A Rússia não parece levar a declaração de inadimplência de ânimo leve. Se isso ocorrer, aumentaria o custo dos empréstimos da Rússia nos próximos anos e efetivamente a bloquearia dos mercados de capitais internacionais, pesando sobre uma economia que já deve se contrair fortemente este ano. Também seria uma mancha na administração econômica do presidente Vladimir V. Putin que destacaria os custos que a Rússia está incorrendo com sua invasão da Ucrânia.
Em jogo para a Rússia, que já sofreu a ruptura abrupta de décadas de laços comerciais cruciais com os Estados Unidos, Europa e outras nações, está um dos fundamentos do crescimento econômico: a capacidade de emprestar dinheiro sem problemas de fora de suas fronteiras.
Como a situação da Rússia é tão incomum, permanece uma questão em aberto quem é o árbitro final de um default da dívida soberana.

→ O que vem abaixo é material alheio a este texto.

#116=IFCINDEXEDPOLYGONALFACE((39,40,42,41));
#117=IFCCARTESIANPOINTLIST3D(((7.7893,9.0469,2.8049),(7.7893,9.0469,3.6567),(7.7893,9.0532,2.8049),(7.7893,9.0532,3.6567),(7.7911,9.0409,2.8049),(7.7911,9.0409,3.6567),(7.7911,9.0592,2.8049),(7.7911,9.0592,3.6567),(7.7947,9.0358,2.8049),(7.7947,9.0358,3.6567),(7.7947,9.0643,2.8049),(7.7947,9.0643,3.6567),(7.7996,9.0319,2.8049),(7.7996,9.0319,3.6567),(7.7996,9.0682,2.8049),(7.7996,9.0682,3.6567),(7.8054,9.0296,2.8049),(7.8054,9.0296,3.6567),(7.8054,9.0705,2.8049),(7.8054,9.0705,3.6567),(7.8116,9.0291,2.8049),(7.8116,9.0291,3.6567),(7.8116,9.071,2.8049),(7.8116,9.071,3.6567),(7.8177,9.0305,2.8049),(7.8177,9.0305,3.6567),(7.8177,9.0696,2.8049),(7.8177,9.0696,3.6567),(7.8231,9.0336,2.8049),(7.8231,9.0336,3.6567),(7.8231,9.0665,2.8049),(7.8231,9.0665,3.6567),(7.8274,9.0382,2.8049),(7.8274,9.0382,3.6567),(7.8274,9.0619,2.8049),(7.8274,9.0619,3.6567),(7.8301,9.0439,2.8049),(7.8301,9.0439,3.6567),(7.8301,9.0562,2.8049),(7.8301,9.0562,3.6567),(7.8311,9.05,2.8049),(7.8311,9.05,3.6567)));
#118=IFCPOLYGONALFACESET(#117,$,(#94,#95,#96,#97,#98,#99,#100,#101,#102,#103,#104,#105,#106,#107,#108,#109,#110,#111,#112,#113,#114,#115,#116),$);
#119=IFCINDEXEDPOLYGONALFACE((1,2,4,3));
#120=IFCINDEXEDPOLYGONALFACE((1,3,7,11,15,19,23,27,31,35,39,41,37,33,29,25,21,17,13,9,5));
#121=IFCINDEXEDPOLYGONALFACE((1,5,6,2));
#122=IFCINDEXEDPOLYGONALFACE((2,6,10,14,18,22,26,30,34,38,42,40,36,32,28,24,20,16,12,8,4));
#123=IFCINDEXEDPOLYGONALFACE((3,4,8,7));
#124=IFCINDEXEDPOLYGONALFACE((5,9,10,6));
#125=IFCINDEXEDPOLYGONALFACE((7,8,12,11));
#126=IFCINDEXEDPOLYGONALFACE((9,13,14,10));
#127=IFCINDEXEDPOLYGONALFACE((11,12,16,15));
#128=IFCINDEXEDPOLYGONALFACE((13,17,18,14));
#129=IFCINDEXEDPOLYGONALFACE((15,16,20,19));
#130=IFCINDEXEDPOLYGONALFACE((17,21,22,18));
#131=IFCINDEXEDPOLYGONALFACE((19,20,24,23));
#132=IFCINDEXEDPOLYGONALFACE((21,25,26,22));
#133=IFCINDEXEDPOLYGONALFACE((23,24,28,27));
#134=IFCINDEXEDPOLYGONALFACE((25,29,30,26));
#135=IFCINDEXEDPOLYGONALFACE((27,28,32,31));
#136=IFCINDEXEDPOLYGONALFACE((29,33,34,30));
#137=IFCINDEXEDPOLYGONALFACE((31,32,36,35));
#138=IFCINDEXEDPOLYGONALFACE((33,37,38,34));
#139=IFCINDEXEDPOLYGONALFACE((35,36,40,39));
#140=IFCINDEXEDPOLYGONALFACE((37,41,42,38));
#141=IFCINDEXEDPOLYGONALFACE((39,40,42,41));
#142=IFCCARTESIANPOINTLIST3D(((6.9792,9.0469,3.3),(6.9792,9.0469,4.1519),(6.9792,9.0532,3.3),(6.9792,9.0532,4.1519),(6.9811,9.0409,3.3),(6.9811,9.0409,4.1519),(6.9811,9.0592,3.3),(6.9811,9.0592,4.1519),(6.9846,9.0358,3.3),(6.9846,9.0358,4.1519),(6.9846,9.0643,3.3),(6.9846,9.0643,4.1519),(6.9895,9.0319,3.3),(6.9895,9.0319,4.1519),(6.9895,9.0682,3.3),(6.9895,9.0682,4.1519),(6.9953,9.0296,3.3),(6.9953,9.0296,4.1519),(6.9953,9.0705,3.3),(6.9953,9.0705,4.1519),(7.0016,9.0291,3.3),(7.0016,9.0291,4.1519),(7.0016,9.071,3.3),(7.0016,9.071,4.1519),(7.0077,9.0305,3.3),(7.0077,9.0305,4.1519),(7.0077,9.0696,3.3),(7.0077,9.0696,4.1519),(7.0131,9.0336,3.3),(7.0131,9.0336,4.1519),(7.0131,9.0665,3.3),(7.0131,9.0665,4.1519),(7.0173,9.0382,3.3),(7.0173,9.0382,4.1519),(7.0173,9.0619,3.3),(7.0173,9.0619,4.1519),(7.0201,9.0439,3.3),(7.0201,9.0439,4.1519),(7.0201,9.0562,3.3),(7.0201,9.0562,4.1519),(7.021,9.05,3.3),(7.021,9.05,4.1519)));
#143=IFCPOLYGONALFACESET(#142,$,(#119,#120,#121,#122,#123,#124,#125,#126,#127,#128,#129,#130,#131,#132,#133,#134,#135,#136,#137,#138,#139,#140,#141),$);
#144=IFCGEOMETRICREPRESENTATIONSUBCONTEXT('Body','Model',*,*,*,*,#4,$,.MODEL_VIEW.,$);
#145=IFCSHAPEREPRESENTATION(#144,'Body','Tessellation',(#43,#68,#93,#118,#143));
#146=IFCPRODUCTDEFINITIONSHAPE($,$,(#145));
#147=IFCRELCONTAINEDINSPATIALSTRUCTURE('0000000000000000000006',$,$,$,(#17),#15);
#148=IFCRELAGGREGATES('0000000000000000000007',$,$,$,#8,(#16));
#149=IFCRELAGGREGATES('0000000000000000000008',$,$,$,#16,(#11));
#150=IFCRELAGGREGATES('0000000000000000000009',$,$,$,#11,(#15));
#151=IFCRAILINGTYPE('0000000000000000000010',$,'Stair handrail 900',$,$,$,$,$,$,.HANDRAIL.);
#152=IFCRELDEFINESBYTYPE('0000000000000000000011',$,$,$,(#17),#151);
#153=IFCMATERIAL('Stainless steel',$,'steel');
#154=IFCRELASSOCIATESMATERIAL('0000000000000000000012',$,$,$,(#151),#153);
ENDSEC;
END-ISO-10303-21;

“Isto aponta para a natureza mesquinha e de retalhos dos mercados de dívida soberana”, disse Tim Samples, professor de estudos jurídicos da Terry College of Business da Universidade da Geórgia e especialista em dívida soberana. “Acho que isso deve ser complicado e disputado por várias razões.”
O Sr. Samples sugeriu que poderia haver uma “cascata” de eventos que levaria a Rússia ao default.
O veredicto mais direto pode vir das grandes agências de classificação de crédito, que já sinalizaram que a capacidade de crédito da Rússia está se deteriorando e que um default pode estar no horizonte.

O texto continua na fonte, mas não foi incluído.